Mjartan, who now serves with Elam on the board of National Bankers Association, said Optus quickly separated the liability and asset sides of its strategy. Its lending was and still is focused on historically underserved borrowers, who accounted for 97% of the bank's loans in 2023. But the money to fund those loans would need to come from elsewhere.

In 2017, Mjartan was tapping friends and family to deposit their funds at the bank, he recalled. He called people from his nationwide CDFI network to ask if they would sell him loans that were generating income. The bank's board took turns pumping in capital in tranches.

The Federal Deposit Insurance Corp. lifted its consent order in 2018, and the bank turned a profit for the first time in years. Slowly, Optus inched out of the hole.

Then, not so slowly, it boomed.

Starting in 2020, MDIs, including Black-owned banks, started getting more opportunities from pandemic-related government relief programs. There was also increasing corporate investment in diversity and inclusion following the murder of George Floyd, Elam said.

"Those two big things really helped [MDI] banks address the historic undercapitalization that would have taken many of them out," Elam said. "When you look historically around when bank closures are happening, particularly amongst minority and Black banks, those closures have been around an economic downturn. This was the first time that you saw… .an infusion of capital into our banks."

Since the start of the Covid-19 pandemic, Optus has reeled in hundreds of millions in deposits from companies such as PayPal, Citigroup, State Street and Wells Fargo. The bank raised more than $100 million in equity between institutional investors and the Treasury Department's Emergency Capital Investment Program.

Optus went from 500 customers, mostly in South Carolina, to 2,000 across the country amid the pandemic. Now, it has more than 5,000.

Black-owned banks have seen massive growth in the last four years, according to FDIC data, but Optus has expanded at an even steeper rate than most of its peers under Mjartan's leadership.

"He has definitely experienced explosive growth that outpaces the sector," Elam said. "And I think they've been able to do it because of his hyperfocus on capital and his hyperfocus on getting deposits from outside."

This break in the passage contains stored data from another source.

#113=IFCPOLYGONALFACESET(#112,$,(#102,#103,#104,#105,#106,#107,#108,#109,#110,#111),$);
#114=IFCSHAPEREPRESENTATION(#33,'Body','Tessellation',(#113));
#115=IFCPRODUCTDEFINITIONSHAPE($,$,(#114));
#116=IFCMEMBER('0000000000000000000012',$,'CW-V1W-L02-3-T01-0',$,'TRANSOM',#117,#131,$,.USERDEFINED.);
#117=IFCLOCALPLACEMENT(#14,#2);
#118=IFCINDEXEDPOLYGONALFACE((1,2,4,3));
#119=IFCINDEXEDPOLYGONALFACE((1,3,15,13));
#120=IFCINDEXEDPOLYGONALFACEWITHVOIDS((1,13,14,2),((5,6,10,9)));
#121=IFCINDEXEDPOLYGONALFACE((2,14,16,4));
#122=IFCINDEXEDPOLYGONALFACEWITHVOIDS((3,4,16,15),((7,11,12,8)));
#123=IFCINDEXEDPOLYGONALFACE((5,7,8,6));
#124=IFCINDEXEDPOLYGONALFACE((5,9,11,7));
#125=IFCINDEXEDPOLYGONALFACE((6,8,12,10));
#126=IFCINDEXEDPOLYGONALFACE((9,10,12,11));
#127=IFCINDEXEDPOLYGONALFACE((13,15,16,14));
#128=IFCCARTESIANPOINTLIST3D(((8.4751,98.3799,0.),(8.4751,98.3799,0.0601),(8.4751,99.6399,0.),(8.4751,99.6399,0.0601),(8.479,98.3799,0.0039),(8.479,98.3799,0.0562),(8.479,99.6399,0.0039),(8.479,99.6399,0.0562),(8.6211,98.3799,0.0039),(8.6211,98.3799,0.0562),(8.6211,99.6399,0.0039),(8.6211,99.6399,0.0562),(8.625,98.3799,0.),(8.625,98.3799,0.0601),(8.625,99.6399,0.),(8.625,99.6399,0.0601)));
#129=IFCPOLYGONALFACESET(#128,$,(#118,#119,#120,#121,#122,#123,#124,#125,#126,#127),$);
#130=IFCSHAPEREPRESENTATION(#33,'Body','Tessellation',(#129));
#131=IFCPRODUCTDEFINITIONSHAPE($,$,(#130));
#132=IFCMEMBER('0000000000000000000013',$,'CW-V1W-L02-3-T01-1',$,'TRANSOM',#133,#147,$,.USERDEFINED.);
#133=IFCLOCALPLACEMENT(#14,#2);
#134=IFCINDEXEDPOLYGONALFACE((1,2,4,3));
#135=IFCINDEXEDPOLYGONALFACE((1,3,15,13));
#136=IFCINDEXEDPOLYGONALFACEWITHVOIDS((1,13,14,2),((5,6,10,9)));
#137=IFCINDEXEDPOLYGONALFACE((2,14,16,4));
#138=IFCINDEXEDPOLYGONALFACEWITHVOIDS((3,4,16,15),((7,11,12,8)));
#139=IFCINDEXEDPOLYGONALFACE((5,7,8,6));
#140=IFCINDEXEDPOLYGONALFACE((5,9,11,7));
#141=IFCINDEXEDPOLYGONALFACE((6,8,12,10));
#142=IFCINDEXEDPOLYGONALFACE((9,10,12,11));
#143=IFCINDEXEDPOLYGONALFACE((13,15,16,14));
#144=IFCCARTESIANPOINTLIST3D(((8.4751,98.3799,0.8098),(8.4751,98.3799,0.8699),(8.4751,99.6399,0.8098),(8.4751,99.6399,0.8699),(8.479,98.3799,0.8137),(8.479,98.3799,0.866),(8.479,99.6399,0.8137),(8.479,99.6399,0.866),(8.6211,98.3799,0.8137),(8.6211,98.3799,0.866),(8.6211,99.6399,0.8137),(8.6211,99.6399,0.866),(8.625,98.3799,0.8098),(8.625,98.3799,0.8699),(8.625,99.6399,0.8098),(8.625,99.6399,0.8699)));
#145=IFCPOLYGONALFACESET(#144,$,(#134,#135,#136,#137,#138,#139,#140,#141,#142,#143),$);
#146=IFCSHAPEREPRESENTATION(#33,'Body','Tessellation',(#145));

Mjartan said one of his proudest recent moments came when the bank was able to pay dividends for the first time since 2006, totaling nearly $10 million. Optus' capital was at half that level when he arrived in 2017.

As Mjartan transitions away from spearheading Optus, he said his work helping MDIs isn't done. He'll stay involved with the bank, and in South Carolina, but he also wants to eventually go bigger.

"I would like to help other banks refine their mission foothold, like Optus Bank did, and really scale them exponentially," Mjartan said. "My bucket-list item, or early-onset midlife crisis, instead of buying a sports car, I'd like to probably buy another bank. ... Find that next platform for that change and really build a bank for America that serves all the people."